The production contained a most discreet (not to say castrated) nude scene, showing the lovers only on a darkened stage, briefly, and in profile, but sufficient to elicit from me that Ms. Rigg “is built, alas, like a brick basilica with inadequate flying buttresses.” This remark has fueled comments, amused but mostly disapproving, in numerous publications, notably in Ms. Rigg’s delightful book about negative criticism, No Turn Unstoned. In it, the charming and highly literate actress observes, “I remember making my way to the theatre the following day, darting from doorway to doorway and praying I wouldn’t meet anyone I know. The cast behaved with supreme tact and pretended they hadn’t read the review.”
I now regret having written this, but at least I incurred a slight punishment.

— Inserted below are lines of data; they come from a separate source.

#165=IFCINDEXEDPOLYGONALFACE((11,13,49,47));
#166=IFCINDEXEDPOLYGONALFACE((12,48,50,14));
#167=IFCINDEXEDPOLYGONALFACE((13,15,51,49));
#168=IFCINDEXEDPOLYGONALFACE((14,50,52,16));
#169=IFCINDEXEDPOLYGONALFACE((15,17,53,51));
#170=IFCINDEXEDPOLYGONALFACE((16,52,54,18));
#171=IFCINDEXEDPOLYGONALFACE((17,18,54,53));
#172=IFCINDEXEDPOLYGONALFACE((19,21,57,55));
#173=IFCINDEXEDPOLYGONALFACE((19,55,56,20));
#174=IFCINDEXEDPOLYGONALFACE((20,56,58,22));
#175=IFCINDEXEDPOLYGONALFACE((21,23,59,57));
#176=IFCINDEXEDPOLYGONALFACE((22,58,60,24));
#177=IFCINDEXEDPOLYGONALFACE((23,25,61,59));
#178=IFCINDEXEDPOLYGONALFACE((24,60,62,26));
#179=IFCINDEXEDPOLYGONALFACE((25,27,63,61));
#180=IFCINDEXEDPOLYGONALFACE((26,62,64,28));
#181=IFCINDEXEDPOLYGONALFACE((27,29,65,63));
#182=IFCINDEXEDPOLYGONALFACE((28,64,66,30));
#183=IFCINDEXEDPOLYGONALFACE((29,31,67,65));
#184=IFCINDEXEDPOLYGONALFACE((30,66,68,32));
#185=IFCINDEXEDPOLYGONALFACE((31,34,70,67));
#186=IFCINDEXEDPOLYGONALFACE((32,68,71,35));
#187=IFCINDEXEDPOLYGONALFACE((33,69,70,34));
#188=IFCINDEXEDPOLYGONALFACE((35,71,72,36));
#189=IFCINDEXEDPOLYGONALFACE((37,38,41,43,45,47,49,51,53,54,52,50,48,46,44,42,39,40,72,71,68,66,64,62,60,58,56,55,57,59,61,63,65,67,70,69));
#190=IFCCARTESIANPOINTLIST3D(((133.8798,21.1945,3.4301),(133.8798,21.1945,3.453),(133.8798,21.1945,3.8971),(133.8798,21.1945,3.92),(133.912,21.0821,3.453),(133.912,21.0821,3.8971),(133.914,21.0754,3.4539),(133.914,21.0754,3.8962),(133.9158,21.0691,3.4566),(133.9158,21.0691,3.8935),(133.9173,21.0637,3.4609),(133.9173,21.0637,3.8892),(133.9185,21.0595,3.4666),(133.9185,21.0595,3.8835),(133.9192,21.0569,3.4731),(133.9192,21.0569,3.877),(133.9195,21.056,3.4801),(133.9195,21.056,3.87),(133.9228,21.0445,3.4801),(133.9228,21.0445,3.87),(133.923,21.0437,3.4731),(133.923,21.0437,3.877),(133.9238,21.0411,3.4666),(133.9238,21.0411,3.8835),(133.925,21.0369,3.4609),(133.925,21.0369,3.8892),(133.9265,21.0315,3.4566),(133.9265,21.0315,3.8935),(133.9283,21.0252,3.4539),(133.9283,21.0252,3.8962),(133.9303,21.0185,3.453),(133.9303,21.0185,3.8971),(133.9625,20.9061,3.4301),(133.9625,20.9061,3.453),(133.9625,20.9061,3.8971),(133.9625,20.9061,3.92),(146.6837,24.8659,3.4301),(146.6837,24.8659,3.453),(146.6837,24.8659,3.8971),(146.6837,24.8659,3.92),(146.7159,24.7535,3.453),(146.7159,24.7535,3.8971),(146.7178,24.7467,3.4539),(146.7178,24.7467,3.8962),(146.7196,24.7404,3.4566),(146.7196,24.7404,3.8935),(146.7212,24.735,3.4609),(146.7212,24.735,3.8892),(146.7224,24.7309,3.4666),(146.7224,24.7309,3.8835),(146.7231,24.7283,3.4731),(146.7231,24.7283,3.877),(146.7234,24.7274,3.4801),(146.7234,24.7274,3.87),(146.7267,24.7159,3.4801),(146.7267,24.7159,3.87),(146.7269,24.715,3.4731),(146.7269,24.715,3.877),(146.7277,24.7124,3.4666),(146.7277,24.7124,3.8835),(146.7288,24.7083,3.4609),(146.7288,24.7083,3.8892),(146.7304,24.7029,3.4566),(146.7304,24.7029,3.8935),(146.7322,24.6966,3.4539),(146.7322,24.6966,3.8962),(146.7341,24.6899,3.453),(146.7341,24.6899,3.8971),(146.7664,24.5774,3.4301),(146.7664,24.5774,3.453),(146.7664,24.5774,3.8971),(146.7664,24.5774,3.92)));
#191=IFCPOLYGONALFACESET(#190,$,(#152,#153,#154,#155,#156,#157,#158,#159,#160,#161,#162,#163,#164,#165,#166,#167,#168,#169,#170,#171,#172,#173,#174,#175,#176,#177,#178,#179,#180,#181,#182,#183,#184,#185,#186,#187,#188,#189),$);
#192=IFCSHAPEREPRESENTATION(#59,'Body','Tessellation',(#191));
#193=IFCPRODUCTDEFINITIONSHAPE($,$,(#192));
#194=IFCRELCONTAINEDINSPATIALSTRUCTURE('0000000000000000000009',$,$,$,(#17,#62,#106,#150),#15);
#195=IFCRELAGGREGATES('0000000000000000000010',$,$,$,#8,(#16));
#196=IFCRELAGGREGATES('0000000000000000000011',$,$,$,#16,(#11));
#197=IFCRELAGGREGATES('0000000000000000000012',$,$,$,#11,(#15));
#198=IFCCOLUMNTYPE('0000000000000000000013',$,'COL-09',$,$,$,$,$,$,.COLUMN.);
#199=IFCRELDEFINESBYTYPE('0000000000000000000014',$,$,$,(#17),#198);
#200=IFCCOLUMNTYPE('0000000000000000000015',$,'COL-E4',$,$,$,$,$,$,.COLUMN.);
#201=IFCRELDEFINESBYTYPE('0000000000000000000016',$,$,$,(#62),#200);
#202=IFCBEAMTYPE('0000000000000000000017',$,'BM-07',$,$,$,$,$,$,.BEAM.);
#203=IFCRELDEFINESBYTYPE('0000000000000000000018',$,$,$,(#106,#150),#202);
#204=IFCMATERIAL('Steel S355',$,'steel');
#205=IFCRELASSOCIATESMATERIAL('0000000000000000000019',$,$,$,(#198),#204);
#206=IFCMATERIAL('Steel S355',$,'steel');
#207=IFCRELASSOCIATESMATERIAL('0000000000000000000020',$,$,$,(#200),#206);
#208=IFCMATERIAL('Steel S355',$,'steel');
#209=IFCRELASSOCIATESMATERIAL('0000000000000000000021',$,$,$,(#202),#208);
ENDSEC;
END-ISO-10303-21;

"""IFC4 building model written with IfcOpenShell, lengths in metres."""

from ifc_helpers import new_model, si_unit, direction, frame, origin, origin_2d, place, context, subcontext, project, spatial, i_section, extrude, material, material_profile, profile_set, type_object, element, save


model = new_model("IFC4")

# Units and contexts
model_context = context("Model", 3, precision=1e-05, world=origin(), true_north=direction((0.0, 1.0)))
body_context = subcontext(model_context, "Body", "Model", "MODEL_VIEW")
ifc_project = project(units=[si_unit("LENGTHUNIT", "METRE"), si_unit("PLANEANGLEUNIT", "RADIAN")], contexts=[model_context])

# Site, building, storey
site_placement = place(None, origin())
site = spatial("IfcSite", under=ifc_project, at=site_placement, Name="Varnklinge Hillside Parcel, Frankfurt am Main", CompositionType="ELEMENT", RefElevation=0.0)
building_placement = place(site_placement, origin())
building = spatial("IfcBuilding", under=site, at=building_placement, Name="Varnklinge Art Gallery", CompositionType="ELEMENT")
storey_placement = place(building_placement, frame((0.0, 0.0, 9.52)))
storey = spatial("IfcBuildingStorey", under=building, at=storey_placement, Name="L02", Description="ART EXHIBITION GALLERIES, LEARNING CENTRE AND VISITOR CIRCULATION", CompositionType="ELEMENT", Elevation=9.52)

Absolutely everyone who quotes my line has it wrongly “a brick mausoleum,” whether derived from Ms. Rigg or from any of several anthologies of quotations that incorrectly include it. Now “brick mausoleum,” besides denying me the alliteration in B, makes no sense. A basilica is an early form of Christian church built on an ancient Roman model, and much simpler, chaster, narrower than the later cathedrals, and definitely devoid of anything like a flying buttress. A takeoff on the expression “built like a brick shithouse” for a bosomy woman, it has appropriately some relevance to medieval architecture, but none whatever to a mausoleum. Unfortunately, the wits or wiseacres who misquote me know nothing about a basilica, not even the word. Oh well, grander people have been misquoted in the prints: Marie Antoinette never said that thing about eating cake, and Voltaire never said that thing about fighting to the death for someone’s right to disagree with him.
One other play involving castration, a just slightly better one (play, that is, not castration) is Tennessee Williams’s “Sweet Bird of Youth.” The hero, Chance, has seduced the ingénue, Heavenly, and caused an abortion that left her sterile. He evinces what Kenneth Tynan has called “an obscure awareness” that he must let himself be castrated by the henchmen of Heavenly’s father, a beastly Southern political boss, by way of expiation of his guilt. Moreover, as Tynan writes, he “begs us, in parting, to understand him, and to recognize ourselves in him.”
“For my part,” Tynan continues, “I recognized nothing but a special, rarefied situation that had been carried to extremes of cruelty with a total disregard for probability, human relevance, and the laws of dramatic structure.” And he goes on to make pertinent, perceptive comments, including wonder about why the action begins on Easter Sunday: “Is castration to be equaled with resurrection?”
Well, come to think of it, I can recall another play of sorts, where it is equaled with redemption, two kinds of it no less. In Yugoslavia in my high-school days, religious instruction was compulsory. One day when the instructor was late, I improvised a little miracle play, based on a picture from one of my father’s books with the caption “Saint Origen castrating himself for the sake of the Heavenly Kingdom.” (Note: not Tennessee Williams’s Heavenly,)
So, for my playlet, I picked the prettiest girl in the class and had her kneel before me as I brandished a ruler representing a cutlass, and, turning my rapt gaze at the ceiling, loudly proclaimed, “I castrate myself for the sake of the Kingdom of Heaven.” The pretty blonde was supposed to supplicate me not to do it. Just then the instructor arrived, and, though I am not quite sure about Origen (it seems the Catholic church has revoked his sainthood), I was barred from further religious instruction, which I hailed as a most welcome redemption.
That may have been the only time in dramatic and religious history when castration, even if only mimed, has proved beneficial.